Landslides • Landslides occur when a portion of a hillslope becomes too weak to support its own weight. This weakness is generally initiated when rainfall or some other source of water increases the water content of the slope, reducing the strength of the materials. Other causes of landslides include earthquakes and loud sounds. Many types of landslides move seasonally or periodically and may lie dormant for years. • Landslides are generally classified into slides, falls and flows. Slides move as large bodies by slipping along one or more failure surfaces. Falls of rock or soil originate on cliffs or steep slopes.
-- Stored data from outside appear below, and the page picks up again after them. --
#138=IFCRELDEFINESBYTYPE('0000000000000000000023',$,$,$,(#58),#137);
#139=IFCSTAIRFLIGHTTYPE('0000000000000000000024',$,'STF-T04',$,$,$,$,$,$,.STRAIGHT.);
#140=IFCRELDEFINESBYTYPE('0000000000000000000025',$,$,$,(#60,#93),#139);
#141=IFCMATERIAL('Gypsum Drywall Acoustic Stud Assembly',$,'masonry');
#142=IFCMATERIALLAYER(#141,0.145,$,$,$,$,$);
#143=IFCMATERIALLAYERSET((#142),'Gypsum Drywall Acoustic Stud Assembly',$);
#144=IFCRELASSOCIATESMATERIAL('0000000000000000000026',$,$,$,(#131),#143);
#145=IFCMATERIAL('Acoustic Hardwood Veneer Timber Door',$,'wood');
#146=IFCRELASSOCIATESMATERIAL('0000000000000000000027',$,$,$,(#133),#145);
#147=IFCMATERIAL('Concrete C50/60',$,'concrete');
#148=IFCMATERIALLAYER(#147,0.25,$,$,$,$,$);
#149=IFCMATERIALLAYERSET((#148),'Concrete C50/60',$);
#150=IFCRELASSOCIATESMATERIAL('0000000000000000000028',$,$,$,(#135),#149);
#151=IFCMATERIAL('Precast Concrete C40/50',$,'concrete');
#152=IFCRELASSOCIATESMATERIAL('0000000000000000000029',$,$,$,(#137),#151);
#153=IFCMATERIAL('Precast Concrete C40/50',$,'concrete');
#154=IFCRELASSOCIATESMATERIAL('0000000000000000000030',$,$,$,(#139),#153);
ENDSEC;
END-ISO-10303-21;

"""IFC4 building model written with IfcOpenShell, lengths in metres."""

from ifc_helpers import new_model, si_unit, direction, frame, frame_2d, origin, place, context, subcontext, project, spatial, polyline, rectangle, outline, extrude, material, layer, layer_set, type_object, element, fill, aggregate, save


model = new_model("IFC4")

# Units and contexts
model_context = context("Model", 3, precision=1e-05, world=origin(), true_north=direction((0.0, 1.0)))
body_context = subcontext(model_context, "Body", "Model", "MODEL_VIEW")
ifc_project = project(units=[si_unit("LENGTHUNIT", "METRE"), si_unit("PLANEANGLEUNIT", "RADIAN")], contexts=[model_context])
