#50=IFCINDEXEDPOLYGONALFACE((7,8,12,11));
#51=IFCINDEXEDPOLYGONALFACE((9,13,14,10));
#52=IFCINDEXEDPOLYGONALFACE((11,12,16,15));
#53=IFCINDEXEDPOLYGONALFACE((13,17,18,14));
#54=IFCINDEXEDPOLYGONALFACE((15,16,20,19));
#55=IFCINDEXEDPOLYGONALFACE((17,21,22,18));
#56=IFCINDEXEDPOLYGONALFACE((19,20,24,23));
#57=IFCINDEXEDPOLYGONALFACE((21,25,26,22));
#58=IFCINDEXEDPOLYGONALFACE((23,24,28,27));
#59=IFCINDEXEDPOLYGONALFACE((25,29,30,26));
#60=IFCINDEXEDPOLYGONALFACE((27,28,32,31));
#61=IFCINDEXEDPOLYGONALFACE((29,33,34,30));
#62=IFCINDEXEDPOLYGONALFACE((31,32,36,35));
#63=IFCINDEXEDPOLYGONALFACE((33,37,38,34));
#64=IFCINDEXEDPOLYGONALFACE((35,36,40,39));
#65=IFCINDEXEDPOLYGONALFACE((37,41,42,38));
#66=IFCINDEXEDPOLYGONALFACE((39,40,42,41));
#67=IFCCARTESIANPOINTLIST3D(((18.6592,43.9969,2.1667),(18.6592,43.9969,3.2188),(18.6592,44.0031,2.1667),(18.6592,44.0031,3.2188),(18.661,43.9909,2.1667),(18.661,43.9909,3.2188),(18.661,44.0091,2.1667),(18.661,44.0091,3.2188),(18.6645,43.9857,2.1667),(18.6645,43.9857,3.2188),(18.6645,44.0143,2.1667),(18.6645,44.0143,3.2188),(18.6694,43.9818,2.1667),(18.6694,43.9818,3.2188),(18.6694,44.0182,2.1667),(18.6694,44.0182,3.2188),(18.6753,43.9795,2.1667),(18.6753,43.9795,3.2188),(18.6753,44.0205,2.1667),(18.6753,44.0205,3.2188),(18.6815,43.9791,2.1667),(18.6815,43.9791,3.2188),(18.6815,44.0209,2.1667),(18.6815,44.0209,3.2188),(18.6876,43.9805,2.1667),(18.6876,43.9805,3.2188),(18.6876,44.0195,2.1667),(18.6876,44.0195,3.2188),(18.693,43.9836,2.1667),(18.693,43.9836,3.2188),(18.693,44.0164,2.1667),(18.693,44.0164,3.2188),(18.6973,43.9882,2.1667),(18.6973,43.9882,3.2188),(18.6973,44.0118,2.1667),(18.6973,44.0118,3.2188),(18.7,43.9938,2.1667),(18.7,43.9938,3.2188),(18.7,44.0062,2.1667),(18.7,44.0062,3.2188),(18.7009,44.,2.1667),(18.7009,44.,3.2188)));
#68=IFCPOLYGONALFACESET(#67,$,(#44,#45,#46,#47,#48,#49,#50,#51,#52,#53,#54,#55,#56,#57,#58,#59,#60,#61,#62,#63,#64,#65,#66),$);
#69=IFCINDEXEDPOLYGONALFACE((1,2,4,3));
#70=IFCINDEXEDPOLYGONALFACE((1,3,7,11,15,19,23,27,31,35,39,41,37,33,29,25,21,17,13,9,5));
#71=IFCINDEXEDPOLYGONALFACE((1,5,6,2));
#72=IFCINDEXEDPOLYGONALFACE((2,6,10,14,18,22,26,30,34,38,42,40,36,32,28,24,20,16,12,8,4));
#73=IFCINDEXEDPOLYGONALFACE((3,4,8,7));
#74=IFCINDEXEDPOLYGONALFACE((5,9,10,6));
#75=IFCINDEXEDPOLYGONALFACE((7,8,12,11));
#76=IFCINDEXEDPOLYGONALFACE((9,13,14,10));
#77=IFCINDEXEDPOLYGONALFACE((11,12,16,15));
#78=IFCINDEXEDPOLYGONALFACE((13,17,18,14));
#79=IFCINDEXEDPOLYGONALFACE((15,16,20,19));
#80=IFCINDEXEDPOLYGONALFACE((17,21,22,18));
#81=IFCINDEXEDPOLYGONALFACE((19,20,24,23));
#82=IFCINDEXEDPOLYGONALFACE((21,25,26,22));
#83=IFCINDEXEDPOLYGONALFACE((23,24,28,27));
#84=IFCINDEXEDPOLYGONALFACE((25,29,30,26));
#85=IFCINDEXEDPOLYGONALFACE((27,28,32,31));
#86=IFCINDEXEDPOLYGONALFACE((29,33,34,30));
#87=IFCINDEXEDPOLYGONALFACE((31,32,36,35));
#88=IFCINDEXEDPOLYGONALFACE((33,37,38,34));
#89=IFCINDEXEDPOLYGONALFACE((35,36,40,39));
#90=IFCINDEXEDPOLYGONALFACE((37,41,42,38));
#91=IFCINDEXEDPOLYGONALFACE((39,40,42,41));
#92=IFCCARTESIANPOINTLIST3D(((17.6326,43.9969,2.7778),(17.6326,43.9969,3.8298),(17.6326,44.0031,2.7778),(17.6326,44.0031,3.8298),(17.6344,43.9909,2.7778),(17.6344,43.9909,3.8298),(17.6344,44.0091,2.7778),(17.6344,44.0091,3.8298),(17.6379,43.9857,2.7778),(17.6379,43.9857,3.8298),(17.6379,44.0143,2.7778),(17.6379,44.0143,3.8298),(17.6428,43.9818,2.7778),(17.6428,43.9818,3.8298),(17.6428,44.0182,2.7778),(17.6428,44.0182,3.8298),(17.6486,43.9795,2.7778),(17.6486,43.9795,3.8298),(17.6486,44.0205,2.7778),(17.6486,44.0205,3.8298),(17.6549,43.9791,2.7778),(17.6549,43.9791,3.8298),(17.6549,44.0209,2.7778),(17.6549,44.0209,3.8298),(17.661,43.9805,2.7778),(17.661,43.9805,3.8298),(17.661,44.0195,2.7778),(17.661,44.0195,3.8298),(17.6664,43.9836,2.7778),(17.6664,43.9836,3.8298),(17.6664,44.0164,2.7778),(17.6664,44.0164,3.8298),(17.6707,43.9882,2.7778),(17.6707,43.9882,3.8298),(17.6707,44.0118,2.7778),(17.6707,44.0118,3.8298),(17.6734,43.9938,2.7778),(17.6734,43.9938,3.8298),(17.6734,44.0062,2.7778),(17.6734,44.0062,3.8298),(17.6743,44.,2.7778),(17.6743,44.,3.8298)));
Large rockfalls can be catastrophic events. An earthquake off the coast of Peru in 1970 started a rockfall which accelerated to more than 170 miles per hour and buried more than 18,000 people. Flows are landslides that behave like fluids. Mudflows involve wet mud and debris. Earthflows involve wet, claylike material. Solifluction is the downslope flow of soil that occurs on arctic and alpine hillsides when thawed ice or snow saturates the soil cover.
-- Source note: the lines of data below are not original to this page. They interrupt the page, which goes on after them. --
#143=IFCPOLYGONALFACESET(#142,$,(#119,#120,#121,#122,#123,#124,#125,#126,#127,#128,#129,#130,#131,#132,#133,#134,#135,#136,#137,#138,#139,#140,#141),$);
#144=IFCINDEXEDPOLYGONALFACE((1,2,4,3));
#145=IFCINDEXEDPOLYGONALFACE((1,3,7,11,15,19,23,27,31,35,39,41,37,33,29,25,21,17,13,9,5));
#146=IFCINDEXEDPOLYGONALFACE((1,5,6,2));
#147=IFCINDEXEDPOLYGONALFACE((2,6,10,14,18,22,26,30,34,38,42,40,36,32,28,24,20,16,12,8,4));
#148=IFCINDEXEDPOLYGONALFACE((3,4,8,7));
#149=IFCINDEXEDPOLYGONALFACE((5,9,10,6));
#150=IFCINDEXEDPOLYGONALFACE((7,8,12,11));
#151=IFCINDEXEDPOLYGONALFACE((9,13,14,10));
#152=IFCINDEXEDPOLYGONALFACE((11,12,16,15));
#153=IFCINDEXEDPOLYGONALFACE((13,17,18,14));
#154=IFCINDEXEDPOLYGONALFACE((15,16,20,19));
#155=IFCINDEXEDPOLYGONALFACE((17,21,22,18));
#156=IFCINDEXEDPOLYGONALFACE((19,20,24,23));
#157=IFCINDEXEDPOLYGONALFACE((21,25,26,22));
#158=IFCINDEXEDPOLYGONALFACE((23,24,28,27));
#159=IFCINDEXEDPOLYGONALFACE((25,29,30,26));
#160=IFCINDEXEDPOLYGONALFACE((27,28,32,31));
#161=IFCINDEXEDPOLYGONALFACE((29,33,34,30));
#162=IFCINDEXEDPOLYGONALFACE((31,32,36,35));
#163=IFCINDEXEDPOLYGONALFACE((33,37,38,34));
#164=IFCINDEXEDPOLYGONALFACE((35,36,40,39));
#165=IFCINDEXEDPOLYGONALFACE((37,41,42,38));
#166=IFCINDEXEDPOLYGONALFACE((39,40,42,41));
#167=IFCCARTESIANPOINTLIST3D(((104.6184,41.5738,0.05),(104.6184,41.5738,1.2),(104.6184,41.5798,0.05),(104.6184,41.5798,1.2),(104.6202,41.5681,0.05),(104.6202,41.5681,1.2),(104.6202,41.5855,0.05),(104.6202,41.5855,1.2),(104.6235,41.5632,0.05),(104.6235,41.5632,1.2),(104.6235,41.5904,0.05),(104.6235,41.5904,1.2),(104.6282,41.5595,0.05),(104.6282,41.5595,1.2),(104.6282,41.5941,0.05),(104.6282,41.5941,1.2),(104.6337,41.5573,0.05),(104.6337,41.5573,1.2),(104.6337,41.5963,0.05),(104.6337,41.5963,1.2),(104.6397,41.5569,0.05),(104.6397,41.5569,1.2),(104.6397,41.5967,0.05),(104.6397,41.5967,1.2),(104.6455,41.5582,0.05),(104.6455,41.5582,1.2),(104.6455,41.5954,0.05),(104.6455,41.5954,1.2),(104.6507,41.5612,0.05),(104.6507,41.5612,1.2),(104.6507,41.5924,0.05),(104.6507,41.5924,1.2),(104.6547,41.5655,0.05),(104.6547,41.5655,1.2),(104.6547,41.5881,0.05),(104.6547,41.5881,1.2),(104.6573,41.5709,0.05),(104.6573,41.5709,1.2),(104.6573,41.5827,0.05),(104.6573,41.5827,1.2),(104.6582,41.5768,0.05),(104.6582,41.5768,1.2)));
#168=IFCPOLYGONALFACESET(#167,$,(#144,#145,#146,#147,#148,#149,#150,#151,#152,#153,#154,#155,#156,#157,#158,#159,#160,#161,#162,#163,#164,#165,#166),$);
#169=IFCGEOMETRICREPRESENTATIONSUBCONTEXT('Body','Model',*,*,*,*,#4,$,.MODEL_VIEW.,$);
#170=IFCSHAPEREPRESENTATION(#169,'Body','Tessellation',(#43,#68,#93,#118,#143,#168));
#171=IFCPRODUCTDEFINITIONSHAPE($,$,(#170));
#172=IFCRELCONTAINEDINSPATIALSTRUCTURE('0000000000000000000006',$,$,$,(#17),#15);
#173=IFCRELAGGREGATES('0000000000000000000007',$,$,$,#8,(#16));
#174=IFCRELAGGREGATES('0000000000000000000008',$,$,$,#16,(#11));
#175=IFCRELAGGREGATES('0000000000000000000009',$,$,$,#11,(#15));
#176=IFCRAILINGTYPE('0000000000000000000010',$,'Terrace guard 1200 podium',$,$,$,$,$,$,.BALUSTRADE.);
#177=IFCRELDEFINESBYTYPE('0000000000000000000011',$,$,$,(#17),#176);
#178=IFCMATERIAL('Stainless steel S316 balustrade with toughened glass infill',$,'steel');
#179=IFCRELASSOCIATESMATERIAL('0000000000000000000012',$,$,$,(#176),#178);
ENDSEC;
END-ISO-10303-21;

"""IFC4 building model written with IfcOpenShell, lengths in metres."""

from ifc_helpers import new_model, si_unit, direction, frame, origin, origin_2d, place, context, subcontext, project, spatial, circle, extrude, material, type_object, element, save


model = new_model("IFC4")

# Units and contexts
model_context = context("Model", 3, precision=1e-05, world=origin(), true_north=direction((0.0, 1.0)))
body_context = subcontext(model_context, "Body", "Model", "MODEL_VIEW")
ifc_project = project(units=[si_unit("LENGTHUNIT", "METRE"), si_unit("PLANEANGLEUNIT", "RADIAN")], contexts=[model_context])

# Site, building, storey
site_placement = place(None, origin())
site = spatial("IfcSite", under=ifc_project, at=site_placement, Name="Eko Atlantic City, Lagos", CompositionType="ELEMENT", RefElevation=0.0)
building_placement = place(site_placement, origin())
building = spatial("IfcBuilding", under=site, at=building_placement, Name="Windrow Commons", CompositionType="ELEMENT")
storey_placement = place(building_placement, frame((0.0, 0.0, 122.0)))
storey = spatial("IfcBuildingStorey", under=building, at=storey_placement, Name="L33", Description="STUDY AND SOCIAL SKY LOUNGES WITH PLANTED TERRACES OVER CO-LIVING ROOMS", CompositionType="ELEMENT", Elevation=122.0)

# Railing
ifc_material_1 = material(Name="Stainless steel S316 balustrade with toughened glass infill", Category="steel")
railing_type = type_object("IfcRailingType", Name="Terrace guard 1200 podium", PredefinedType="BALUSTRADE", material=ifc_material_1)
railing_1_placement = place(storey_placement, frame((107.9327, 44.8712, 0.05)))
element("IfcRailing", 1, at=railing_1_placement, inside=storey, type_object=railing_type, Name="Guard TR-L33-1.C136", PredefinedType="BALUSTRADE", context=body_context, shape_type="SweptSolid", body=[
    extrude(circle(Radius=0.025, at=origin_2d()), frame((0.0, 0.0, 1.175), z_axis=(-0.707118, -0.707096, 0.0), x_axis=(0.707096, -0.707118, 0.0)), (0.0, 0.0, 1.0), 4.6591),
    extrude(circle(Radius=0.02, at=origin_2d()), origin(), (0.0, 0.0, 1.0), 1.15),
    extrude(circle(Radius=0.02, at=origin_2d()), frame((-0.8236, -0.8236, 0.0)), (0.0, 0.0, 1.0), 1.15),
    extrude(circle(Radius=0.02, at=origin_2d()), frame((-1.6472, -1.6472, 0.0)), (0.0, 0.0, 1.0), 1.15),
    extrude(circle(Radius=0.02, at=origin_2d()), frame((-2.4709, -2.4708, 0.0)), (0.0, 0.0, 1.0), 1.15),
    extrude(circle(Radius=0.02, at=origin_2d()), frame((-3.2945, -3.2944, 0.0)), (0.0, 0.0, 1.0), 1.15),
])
Landslides • Landslides constitute a major geologic hazard because they occur in all 50 states, causing $1-2 billion in damages and more than 25 deaths each year. Landslides commonly occur with other major natural disasters, such as earthquakes and floods. The 1980 eruption of Mount St. Helens in Washington was preceded by the development of a large landslide on the north side of the volcano. The Northridge earthquake in 1994 in the San Fernando Valley triggered thousands of landslides in the Santa Susanna Mountains north of the epicenter. Landslides
Landslides • Even though landslides are generally not as spectacular or costly as earthquakes, major floods, hurricanes and some other natural catastrophes, they are more widespread and may cause more property loss than any other geologic hazard. Much of the damage attributed to earthquakes and intense storms is really due to landslides. • The most expensive landslide in U.S. history occurred in Thistle, Utah, in the spring of 1983. It reached 1/2 mile from top to bottom and ranged in width from 1,000 feet to about 1 mile. Total costs attributable to this landslide exceeded $500 million. In May of 1970, an earthquake in Peru cost about 70,000 lives. In Alberta, Canada, in 1903, a mass of about 30.6 million cubic meters slipped from the top of Turtle Mountain and fell to the floor of the adjacent valley. The mass of earth and rock spread across a 2 mile wide valley, annihilating the town of Frank and killing 70 people.